1. Synth/effects with a built in sampler would be nice. Easy UI

2. Orchestral library

3. Solo Violin, viola and chello

4. Piano

5. Percussion (epic and thunderous)

6. Drum set/maschine

7. One of the other "instruments" out there thats a good allround flexible work horse.

8. Mixing effects. Since MANY are not even close to cover it. But EQ, reverb, delay, compressor, or the "perfect bundle"

9. Vintage keyboards can be added, preferably 80's

Then some might say that depends on what kind of scoring or music one would make. To make it easier, with all the above one could go from scoring Bladerunner2049 one day to Downtown Abbey the next. I am sure the list don't have to be more complicated than this, no matter what one would make. Bundles and subscriptions are allowed within reason. 

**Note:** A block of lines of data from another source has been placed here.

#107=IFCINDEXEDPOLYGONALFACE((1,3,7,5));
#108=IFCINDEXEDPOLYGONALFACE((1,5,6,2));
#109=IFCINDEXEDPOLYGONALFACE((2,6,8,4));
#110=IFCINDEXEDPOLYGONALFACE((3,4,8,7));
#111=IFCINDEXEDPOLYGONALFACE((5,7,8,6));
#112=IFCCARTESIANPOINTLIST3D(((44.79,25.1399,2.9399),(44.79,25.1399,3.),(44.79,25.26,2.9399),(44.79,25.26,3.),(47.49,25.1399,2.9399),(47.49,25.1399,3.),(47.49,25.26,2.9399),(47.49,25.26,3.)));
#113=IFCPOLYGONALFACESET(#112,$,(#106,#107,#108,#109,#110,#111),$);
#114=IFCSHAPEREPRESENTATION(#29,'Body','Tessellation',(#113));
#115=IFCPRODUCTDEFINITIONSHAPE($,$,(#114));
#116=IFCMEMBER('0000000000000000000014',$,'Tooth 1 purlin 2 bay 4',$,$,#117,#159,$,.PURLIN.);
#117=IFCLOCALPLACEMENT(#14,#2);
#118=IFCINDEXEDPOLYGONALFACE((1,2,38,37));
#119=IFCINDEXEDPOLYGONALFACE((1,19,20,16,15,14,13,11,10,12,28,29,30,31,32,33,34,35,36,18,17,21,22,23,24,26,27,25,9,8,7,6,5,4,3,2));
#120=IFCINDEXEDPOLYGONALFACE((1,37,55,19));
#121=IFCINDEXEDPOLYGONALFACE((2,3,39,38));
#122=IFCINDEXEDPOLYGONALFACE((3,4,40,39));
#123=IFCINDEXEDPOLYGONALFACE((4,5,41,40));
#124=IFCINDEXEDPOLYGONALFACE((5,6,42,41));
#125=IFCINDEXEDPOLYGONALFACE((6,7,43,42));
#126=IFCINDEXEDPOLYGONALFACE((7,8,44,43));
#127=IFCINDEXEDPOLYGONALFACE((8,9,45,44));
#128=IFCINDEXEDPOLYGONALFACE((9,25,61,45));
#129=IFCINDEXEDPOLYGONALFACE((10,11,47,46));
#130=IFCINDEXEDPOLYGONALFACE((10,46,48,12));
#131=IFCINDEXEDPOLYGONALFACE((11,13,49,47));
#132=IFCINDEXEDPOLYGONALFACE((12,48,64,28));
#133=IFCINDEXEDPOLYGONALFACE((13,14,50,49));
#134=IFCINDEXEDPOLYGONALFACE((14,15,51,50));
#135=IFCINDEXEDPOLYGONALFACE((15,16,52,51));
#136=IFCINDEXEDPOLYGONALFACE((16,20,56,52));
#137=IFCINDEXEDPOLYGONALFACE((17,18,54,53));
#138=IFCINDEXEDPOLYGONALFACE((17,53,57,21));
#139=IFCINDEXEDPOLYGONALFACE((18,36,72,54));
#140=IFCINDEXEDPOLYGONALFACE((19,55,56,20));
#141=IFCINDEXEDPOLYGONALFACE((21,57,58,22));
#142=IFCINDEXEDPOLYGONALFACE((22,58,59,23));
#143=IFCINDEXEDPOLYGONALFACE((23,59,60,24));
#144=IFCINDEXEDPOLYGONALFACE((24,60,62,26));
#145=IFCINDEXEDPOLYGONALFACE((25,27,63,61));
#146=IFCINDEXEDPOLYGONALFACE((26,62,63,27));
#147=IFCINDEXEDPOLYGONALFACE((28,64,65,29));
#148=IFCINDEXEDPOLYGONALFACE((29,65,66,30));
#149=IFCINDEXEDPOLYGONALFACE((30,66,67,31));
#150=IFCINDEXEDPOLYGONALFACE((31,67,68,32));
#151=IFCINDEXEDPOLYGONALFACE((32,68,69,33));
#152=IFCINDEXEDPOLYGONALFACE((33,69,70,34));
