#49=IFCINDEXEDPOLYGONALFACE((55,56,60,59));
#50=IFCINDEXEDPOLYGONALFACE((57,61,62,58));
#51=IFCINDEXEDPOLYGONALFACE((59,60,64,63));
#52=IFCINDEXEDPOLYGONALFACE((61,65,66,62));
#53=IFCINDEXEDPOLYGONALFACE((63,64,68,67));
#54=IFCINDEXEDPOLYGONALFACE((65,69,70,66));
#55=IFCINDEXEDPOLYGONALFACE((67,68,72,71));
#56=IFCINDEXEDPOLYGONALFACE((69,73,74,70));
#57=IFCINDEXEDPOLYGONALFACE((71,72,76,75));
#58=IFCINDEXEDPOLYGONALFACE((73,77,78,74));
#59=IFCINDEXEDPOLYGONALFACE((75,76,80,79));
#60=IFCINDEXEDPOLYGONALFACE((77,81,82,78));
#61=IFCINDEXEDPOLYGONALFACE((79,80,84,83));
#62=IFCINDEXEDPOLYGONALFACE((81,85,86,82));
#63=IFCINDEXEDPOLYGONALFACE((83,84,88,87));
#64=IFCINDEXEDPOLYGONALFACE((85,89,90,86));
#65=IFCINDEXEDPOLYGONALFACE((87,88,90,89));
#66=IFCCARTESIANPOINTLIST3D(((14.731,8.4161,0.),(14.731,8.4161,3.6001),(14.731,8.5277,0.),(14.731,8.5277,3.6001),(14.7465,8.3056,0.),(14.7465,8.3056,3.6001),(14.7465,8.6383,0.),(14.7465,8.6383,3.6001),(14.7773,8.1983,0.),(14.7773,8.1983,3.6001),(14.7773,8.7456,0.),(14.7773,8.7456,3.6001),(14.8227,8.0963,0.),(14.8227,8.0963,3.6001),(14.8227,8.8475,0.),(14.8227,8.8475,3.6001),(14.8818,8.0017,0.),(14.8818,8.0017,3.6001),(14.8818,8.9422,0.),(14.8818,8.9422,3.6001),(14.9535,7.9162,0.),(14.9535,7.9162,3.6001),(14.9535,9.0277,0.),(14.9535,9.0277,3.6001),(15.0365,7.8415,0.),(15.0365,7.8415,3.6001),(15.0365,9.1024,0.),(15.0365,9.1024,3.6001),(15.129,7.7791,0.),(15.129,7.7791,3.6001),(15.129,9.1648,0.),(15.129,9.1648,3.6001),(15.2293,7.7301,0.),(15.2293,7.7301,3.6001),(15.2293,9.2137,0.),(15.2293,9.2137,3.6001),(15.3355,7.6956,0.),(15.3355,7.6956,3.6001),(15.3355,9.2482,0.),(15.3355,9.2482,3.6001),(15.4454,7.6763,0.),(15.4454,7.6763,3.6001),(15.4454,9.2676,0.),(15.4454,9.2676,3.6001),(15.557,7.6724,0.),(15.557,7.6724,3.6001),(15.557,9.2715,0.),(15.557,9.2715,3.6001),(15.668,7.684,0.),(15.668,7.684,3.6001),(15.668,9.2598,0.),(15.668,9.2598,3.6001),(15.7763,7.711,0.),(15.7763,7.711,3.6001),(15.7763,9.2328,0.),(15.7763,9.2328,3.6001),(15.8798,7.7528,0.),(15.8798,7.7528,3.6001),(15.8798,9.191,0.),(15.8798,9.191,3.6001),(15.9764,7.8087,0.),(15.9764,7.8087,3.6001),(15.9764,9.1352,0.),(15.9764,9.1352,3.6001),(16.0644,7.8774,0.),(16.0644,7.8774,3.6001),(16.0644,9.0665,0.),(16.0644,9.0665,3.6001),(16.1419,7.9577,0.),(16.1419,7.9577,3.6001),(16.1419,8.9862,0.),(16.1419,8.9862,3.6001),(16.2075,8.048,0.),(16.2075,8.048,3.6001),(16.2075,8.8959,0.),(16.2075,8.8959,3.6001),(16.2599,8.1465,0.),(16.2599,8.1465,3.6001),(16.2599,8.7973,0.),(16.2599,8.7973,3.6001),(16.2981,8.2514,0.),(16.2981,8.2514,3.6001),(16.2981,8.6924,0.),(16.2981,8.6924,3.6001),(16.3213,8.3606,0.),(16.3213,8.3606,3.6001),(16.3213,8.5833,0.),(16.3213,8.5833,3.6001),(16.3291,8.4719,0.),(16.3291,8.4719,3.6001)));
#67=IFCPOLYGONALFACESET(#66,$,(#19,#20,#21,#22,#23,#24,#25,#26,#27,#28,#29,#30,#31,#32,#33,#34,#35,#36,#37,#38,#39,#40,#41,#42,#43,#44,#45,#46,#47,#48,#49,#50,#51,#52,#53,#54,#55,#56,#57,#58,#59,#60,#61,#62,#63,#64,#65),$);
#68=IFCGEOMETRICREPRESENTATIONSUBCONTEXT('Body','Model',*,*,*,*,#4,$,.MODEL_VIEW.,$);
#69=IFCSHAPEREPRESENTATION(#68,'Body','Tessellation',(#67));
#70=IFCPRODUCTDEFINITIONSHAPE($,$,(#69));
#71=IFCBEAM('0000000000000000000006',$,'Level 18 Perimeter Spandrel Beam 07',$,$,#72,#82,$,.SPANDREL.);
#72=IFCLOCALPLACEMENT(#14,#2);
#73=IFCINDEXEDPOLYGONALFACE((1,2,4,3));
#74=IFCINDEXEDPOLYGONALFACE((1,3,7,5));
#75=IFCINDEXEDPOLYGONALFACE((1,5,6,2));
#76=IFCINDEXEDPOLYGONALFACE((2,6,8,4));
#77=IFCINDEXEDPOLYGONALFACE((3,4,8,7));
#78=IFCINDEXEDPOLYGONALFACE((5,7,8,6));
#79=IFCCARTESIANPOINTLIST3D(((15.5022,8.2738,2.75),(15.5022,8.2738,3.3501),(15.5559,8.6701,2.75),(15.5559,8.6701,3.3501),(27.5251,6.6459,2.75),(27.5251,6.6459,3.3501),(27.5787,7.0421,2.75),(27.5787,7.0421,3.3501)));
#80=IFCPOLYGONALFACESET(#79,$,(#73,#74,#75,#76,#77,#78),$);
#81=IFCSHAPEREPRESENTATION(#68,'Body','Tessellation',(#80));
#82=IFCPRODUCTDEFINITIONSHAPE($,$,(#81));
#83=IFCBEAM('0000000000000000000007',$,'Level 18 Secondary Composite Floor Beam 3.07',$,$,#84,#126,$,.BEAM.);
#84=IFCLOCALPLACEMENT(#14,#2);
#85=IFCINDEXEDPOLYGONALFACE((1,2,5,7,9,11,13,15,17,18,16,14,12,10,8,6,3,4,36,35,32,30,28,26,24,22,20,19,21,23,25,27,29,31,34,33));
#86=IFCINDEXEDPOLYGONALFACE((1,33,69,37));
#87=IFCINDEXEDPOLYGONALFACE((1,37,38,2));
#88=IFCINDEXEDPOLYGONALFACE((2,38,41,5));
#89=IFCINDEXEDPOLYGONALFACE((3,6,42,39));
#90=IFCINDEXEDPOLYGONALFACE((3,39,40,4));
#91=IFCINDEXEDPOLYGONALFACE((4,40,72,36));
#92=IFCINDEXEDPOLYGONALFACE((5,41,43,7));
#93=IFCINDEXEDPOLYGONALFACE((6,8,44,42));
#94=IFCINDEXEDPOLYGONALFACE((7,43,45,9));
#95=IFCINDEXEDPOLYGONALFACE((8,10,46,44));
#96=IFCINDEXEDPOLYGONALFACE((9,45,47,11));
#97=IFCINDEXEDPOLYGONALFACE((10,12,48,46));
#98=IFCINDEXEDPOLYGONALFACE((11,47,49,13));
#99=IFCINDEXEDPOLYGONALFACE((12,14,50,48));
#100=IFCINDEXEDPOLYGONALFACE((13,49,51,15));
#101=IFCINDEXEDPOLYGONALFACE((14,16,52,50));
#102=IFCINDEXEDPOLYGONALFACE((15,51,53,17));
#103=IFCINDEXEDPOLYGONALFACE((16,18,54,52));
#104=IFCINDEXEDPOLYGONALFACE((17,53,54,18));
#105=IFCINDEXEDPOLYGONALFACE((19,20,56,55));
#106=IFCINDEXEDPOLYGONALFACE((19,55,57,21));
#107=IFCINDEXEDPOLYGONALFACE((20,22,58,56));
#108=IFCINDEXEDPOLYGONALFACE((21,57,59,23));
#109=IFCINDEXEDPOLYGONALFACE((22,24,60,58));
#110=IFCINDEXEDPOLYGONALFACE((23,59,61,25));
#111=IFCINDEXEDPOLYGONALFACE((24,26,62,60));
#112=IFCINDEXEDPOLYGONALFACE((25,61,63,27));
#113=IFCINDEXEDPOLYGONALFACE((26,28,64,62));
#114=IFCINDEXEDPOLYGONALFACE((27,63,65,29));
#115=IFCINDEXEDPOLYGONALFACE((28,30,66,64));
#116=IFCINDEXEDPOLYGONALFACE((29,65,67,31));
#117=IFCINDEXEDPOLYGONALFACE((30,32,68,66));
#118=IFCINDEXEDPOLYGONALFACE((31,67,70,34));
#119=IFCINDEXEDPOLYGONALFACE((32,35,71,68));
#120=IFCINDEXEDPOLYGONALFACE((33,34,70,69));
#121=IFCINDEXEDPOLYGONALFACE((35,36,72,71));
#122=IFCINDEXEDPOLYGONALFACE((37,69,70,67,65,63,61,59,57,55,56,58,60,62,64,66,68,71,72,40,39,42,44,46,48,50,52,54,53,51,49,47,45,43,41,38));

Just one more thing, OPUS player doesn't purge for some reason and because I use HDD for budget reasons. It's a nogo for now. Clipping occurs every other key press. UVIworkstation and Kontakt player works just fine.


----------



## Lord Daknight (Oct 21, 2022)

1. Omnisphere
2. BBC Symphony Orchestra or Nucleus
3. Pacific Violin and Cello Freebies, Audio Imperia Solo
4. Cinepiano or Noire
5. Apocalypse Elements
6. Maybe the upcoming Tokyo Scoring Kits
7. Heavier7strings and Aaron Venture
8. N/A, I use stock plugins
9. Spitfire Labs or Sinefactory


----------



## TomislavEP (Oct 21, 2022)

I would definitely choose Komplete Standard as a firm foundation of any sound collection and a source of bread-and-butter sounds. I must admit, though, that with high-quality free series that exist today, especially LABS and Sine Factory, some things from Komplete could be replaced with those quite easily.

My choice for orchestral and cinematic libraries is definitely Spitfire, particularly compact solutions such as the Albion series, Originals series, and BBCSO Core.


----------



## Alchemedia (Oct 21, 2022)

How to save money and temper GAS...
#1: If it cannot be resold or at the very least demoed think twice. Better yet, don't buy it. 
#2: If it's not on sale wait until it is. 

"Some will pay for what others pay to avoid." --Howard Devoto


----------



## cloudbuster (Oct 21, 2022)

1. VPS Avenger
2. EWQL Hopus
3. really depends on the project
4. same
5. my own sample collection followed by an FX chain
6. Drum machine in Bitwig with multisamples
7. Bitwig
8. don't get me started on FX  but I'm still using iZotopes Alloy 2 or Waves AR strip on almost any track
9. Korg M1 (or MonoPoly, depends ... I owned both of them back in the day)


----------